I see significant blame with environmentalist orgs/pushes like this that are deliberately anti-conservative for little reason, not just with conservatives being hypocrites.

3 comments

> preserving the environment should be a trivial sell to a conservative base (it's literally in the name).

Be careful with such a statement: in the USA conservatism is defined as something different than what the Latin word origin suggests. See for example Russell Kirk's principles of conservatism:

> https://en.wikipedia.org/w/index.php?title=Conservatism_in_t...

> A faith in custom, convention, and prescription.

> A recognition that innovation must be tied to existing traditions and customs, which entails a respect for the political value of prudence.[173]

100% compatible with environmentalism, described as "preserving the environment".

Environmentalism is also compatible with Haidt's findings about US conservatives valuing "sanctity"/"purity" (https://en.wikipedia.org/wiki/Moral_foundations_theory).

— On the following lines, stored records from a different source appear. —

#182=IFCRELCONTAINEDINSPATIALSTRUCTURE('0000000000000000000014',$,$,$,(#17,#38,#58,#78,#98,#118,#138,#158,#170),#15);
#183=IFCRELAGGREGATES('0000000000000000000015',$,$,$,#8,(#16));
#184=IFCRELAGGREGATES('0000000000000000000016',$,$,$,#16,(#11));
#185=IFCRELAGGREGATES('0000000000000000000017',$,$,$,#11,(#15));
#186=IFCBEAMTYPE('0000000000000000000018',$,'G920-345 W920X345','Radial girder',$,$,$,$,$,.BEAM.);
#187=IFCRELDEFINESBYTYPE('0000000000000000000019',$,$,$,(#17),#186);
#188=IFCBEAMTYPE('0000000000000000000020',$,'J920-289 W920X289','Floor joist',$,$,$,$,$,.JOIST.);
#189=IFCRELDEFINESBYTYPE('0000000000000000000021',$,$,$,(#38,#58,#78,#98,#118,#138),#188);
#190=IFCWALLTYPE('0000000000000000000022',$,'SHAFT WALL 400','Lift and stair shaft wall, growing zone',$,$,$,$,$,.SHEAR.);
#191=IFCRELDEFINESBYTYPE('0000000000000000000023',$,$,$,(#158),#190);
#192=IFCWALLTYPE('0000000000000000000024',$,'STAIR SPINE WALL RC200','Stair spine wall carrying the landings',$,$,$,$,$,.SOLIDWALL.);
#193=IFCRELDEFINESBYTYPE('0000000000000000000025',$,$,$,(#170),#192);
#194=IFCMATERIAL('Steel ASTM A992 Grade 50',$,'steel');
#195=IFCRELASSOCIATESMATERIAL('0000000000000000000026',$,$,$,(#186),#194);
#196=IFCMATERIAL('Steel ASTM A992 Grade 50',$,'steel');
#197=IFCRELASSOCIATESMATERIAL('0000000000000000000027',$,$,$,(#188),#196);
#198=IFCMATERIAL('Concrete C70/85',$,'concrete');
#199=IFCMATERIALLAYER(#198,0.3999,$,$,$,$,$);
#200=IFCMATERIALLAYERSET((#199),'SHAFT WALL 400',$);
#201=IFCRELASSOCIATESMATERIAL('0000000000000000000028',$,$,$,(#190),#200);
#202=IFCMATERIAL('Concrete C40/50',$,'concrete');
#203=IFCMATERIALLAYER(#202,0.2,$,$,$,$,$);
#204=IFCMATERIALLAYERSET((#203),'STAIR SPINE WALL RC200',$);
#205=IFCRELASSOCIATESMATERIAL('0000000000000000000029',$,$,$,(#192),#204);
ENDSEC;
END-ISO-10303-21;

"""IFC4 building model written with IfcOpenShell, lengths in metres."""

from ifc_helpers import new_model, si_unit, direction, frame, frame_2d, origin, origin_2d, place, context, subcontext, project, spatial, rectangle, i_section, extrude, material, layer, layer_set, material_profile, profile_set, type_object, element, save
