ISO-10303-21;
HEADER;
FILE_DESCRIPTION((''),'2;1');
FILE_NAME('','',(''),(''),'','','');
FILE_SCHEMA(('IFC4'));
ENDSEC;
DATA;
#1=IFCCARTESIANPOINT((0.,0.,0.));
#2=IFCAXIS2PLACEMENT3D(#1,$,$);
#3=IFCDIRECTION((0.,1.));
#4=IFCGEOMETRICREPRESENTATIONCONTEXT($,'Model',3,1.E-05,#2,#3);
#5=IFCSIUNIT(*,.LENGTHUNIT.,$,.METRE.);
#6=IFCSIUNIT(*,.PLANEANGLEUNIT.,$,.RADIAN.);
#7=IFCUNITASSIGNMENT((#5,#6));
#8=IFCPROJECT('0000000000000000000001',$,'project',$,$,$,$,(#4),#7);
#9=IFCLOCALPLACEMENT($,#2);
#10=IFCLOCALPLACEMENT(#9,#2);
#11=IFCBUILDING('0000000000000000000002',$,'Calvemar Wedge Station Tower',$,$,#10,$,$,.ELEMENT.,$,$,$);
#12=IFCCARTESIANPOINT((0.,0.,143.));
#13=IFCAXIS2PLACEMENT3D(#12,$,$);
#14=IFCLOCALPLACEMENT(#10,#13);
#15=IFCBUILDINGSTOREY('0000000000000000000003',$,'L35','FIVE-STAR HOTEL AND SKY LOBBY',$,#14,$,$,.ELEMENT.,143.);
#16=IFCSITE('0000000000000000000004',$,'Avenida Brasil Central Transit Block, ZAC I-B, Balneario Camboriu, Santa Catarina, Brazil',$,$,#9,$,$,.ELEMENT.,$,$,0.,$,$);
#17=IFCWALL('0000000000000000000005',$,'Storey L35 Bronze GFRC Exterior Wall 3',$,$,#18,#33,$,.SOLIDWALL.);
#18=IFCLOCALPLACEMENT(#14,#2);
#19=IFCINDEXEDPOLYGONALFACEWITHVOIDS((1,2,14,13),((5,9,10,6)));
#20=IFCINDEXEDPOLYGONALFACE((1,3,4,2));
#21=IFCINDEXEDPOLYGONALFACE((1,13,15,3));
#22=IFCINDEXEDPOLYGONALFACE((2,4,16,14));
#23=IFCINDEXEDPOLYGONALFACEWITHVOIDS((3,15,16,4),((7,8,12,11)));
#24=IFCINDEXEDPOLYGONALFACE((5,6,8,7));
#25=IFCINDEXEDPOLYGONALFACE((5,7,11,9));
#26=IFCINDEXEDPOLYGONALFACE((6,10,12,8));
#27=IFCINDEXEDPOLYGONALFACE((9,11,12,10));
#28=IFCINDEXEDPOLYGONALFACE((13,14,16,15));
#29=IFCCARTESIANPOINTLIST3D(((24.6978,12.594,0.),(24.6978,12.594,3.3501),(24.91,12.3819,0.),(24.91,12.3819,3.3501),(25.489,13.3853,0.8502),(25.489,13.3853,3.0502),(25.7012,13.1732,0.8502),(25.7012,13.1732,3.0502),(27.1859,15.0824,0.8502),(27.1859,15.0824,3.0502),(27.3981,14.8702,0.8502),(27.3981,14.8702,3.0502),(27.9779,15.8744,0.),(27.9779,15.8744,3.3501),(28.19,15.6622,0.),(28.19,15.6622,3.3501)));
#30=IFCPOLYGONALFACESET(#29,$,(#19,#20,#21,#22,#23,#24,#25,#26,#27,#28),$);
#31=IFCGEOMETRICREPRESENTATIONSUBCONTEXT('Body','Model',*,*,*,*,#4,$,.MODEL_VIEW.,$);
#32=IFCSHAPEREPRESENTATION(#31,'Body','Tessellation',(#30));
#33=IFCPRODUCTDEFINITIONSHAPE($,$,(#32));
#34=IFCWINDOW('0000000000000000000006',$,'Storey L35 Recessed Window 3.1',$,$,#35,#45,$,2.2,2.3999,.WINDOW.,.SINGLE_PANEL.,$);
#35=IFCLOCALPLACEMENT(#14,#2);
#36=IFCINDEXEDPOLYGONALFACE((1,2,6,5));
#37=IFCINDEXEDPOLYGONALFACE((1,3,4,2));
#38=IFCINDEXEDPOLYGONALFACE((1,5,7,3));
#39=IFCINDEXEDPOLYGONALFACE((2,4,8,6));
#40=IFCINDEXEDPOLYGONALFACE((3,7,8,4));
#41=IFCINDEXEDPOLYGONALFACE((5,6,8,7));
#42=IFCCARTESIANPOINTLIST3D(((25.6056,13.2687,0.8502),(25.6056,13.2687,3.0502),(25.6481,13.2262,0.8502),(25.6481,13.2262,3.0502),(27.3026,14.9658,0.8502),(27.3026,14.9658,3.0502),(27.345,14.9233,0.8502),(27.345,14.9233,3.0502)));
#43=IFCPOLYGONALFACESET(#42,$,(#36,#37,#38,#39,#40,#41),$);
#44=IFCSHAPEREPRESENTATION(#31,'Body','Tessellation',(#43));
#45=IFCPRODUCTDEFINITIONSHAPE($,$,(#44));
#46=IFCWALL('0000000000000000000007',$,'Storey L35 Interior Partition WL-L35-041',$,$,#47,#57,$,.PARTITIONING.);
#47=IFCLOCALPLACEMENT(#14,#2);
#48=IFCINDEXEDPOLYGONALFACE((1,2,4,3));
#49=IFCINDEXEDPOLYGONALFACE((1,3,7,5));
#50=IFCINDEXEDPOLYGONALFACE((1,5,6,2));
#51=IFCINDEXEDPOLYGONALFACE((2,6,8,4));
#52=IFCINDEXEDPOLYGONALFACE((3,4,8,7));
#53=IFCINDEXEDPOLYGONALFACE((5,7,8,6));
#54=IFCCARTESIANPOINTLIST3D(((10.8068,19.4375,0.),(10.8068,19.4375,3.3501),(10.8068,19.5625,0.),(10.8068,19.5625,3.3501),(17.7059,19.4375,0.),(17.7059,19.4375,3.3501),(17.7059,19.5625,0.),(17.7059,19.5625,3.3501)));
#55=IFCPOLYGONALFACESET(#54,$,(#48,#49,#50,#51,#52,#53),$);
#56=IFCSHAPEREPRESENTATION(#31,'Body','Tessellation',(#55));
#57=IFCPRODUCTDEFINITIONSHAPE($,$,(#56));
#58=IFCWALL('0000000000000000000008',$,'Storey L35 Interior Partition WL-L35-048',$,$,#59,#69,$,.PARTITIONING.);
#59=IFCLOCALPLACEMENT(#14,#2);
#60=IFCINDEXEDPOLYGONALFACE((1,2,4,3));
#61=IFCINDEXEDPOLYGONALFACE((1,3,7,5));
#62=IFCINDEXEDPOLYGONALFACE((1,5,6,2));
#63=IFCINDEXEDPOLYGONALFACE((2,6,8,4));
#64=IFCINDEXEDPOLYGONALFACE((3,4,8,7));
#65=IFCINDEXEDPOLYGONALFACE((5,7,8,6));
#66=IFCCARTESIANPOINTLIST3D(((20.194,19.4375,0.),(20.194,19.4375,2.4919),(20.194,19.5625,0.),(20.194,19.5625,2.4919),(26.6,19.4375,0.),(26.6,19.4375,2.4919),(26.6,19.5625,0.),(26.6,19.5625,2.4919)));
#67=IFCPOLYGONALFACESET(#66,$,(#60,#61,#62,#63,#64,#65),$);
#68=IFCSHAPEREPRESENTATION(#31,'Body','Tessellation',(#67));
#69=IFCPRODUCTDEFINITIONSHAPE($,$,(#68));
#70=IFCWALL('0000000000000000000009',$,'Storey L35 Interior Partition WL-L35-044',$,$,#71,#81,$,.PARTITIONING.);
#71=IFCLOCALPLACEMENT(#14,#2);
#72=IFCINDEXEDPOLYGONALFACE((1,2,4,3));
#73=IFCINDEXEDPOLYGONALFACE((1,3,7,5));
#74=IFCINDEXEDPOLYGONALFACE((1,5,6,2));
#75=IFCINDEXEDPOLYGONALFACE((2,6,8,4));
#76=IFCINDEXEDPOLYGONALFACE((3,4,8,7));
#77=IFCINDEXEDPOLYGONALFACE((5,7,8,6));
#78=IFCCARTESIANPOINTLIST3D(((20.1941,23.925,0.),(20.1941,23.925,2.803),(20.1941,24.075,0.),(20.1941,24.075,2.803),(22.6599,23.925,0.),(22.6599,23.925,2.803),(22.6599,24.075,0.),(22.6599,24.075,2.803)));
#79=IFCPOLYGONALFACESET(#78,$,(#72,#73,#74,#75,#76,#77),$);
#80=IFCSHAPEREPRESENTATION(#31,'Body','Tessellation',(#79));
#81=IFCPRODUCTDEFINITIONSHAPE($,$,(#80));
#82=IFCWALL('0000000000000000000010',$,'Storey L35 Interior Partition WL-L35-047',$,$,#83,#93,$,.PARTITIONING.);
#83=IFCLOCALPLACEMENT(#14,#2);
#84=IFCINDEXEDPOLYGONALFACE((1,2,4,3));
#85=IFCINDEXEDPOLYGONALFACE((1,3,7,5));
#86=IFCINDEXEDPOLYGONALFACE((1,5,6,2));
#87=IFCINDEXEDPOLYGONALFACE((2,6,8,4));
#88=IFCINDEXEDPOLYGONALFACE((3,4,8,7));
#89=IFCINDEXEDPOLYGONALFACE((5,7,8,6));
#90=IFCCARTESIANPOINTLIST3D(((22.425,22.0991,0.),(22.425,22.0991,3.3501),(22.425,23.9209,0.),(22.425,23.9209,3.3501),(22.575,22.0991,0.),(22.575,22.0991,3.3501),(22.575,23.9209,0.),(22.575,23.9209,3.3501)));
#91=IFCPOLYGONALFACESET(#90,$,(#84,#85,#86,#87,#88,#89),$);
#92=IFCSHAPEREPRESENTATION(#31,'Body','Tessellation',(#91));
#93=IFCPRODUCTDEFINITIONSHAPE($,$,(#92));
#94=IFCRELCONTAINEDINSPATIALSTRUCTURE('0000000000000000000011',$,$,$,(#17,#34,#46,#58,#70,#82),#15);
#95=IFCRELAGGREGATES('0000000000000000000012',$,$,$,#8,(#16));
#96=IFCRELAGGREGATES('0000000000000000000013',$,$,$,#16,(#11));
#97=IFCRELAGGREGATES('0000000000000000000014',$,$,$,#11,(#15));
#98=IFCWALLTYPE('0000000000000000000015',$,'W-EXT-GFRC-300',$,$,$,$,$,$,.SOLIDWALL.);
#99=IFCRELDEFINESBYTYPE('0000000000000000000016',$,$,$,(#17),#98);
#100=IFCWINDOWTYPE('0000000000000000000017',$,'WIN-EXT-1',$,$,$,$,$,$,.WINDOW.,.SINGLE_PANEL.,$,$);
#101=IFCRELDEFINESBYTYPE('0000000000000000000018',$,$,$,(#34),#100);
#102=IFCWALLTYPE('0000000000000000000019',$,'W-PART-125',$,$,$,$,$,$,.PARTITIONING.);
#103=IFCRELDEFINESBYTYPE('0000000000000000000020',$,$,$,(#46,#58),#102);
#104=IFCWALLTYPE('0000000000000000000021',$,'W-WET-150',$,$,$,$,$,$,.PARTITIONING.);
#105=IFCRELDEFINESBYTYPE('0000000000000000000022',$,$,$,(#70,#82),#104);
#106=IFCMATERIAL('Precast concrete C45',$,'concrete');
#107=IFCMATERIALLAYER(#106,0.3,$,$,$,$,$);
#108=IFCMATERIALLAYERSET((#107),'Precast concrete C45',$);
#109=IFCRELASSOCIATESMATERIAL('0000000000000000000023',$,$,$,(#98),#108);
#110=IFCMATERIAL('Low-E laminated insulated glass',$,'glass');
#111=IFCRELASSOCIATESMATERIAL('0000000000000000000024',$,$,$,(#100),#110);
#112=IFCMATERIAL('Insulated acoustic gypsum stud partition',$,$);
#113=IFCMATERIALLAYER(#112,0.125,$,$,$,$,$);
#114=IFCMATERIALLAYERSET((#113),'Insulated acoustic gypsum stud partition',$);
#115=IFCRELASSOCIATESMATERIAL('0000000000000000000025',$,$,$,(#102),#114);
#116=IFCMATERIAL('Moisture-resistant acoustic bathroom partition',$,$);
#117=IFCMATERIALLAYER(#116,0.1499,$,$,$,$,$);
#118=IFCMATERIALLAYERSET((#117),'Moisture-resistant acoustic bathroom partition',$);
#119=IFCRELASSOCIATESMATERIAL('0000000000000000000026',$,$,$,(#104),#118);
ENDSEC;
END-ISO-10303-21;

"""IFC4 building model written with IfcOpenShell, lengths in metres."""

from ifc_helpers import new_model, si_unit, direction, frame, frame_2d, origin, place, context, subcontext, project, spatial, rectangle, extrude, source, transform, mapped, material, layer, layer_set, type_object, element, fill, save


model = new_model("IFC4")

# Units and contexts
model_context = context("Model", 3, precision=1e-05, world=origin(), true_north=direction((0.0, 1.0)))
body_context = subcontext(model_context, "Body", "Model", "MODEL_VIEW")
ifc_project = project(units=[si_unit("LENGTHUNIT", "METRE"), si_unit("PLANEANGLEUNIT", "RADIAN")], contexts=[model_context])

# Site, building, storey
site_placement = place(None, origin())
site = spatial("IfcSite", under=ifc_project, at=site_placement, Name="Avenida Brasil Central Transit Block, ZAC I-B, Balneario Camboriu, Santa Catarina, Brazil", CompositionType="ELEMENT", RefElevation=0.0)
building_placement = place(site_placement, origin())
building = spatial("IfcBuilding", under=site, at=building_placement, Name="Calvemar Wedge Station Tower", CompositionType="ELEMENT")
storey_placement = place(building_placement, frame((0.0, 0.0, 143.0)))
storey = spatial("IfcBuildingStorey", under=building, at=storey_placement, Name="L35", Description="FIVE-STAR HOTEL AND SKY LOBBY", CompositionType="ELEMENT", Elevation=143.0)

# Wall, opening, window
ifc_material_1 = material(Name="Precast concrete C45", Category="concrete")
ifc_layer_1 = layer(ifc_material_1, 0.3)
ifc_layer_set_1 = layer_set([ifc_layer_1], Name="Precast concrete C45")
wall_type_1 = type_object("IfcWallType", Name="W-EXT-GFRC-300", PredefinedType="SOLIDWALL", material=ifc_layer_set_1)
wall_1_placement = place(storey_placement, frame((24.804, 12.488, 0.0), z_axis=(0.0, 0.0, 1.0), x_axis=(0.70708, 0.707133, 0.0)))
wall_1 = element("IfcWall", 1, at=wall_1_placement, inside=storey, type_object=wall_type_1, Name="Storey L35 Bronze GFRC Exterior Wall 3", PredefinedType="SOLIDWALL", context=body_context, shape_type="SweptSolid", body=[
    extrude(rectangle(XDim=4.6389, YDim=0.3, at=frame_2d((2.3193, 0.0))), origin(), (0.0, 0.0, 1.0), 3.3501),
])
shared_shape_1 = source(origin(), body_context, "Body", "SweptSolid", [
    extrude(rectangle(XDim=2.3999, YDim=2.2, at=frame_2d((1.2, 1.1001))), frame((0.0, 0.1602, 0.0), z_axis=(0.0, -1.0, 0.0), x_axis=(1.0, 0.0, 0.0)), (0.0, 0.0, 1.0), 0.3201),
])
opening_1_placement = place(wall_1_placement, frame((1.1189, 0.0, 0.8501)))
opening_1 = element("IfcOpeningElement", 2, at=opening_1_placement, cuts=wall_1, PredefinedType="OPENING", context=body_context, shape_type="MappedRepresentation", body=[
    mapped(shared_shape_1, transform((0.0, 0.0, 0.0), scale=1.0)),
])
ifc_material_2 = material(Name="Low-E laminated insulated glass", Category="glass")
window_type = type_object("IfcWindowType", Name="WIN-EXT-1", PartitioningType="SINGLE_PANEL", PredefinedType="WINDOW", material=ifc_material_2)
shared_shape_2 = source(origin(), body_context, "Body", "SweptSolid", [
    extrude(rectangle(XDim=2.3999, YDim=2.2, at=frame_2d((1.2, 1.1001))), frame((0.0, -0.0149, 0.0), z_axis=(0.0, -1.0, 0.0), x_axis=(1.0, 0.0, 0.0)), (0.0, 0.0, 1.0), 0.0601),
])
window_placement = place(opening_1_placement, origin())
window = element("IfcWindow", 3, at=window_placement, inside=storey, type_object=window_type, Name="Storey L35 Recessed Window 3.1", OverallHeight=2.2, OverallWidth=2.3999, PartitioningType="SINGLE_PANEL", PredefinedType="WINDOW", context=body_context, shape_type="MappedRepresentation", body=[
    mapped(shared_shape_2, transform((0.0, 0.0, 0.0), scale=1.0)),
])
fill(opening_1, window)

Conservatives tend to gloss over what it is exactly that they want to conserve. The environment? No. Norms? Sometimes, but not always. Before the 19th century, abortion was relatively uncontroversial; anti-abortion rhetoric was a "conservative innovation."

What they always defend is social hierarchies. Anti-abortion rhetoric may break from the status quo, but it does so in defence of preserving women's role in society as obligate mothers. Starting wars in the Middle East isn't staid or responsible, but the performance of these wars situates America at the top of a symbolic hierarchy of global power.

If you dig into the fathers of modern conservative thought (people like Edmund Burke), one thing they were very concerned about was the preservation of aristocratic hierarchy beyond the end of monarchism. How can a liberal society maintain a class distinction between the rulers and the ruled? These are the intellectual roots of meritocracy: Let the free market pick winners without any interference by egalitarian meddlers, and the upper class will naturally select itself.

From this standpoint, the conservative disinterest in sustainability becomes obvious. The machines that are destroying the environment are owned by wealthy people whose fortunes may be destabilized by switching to a newer, more sustainable technologies. The conservative movement exists to protect the social status of the wealthy; therefore, concern for the environment is a liability.

I heard it said once, "Nowadays the right lives in denial, the left lives in delusion".

It is very reductionist but it does sort of hit on althe flavour of how these things go.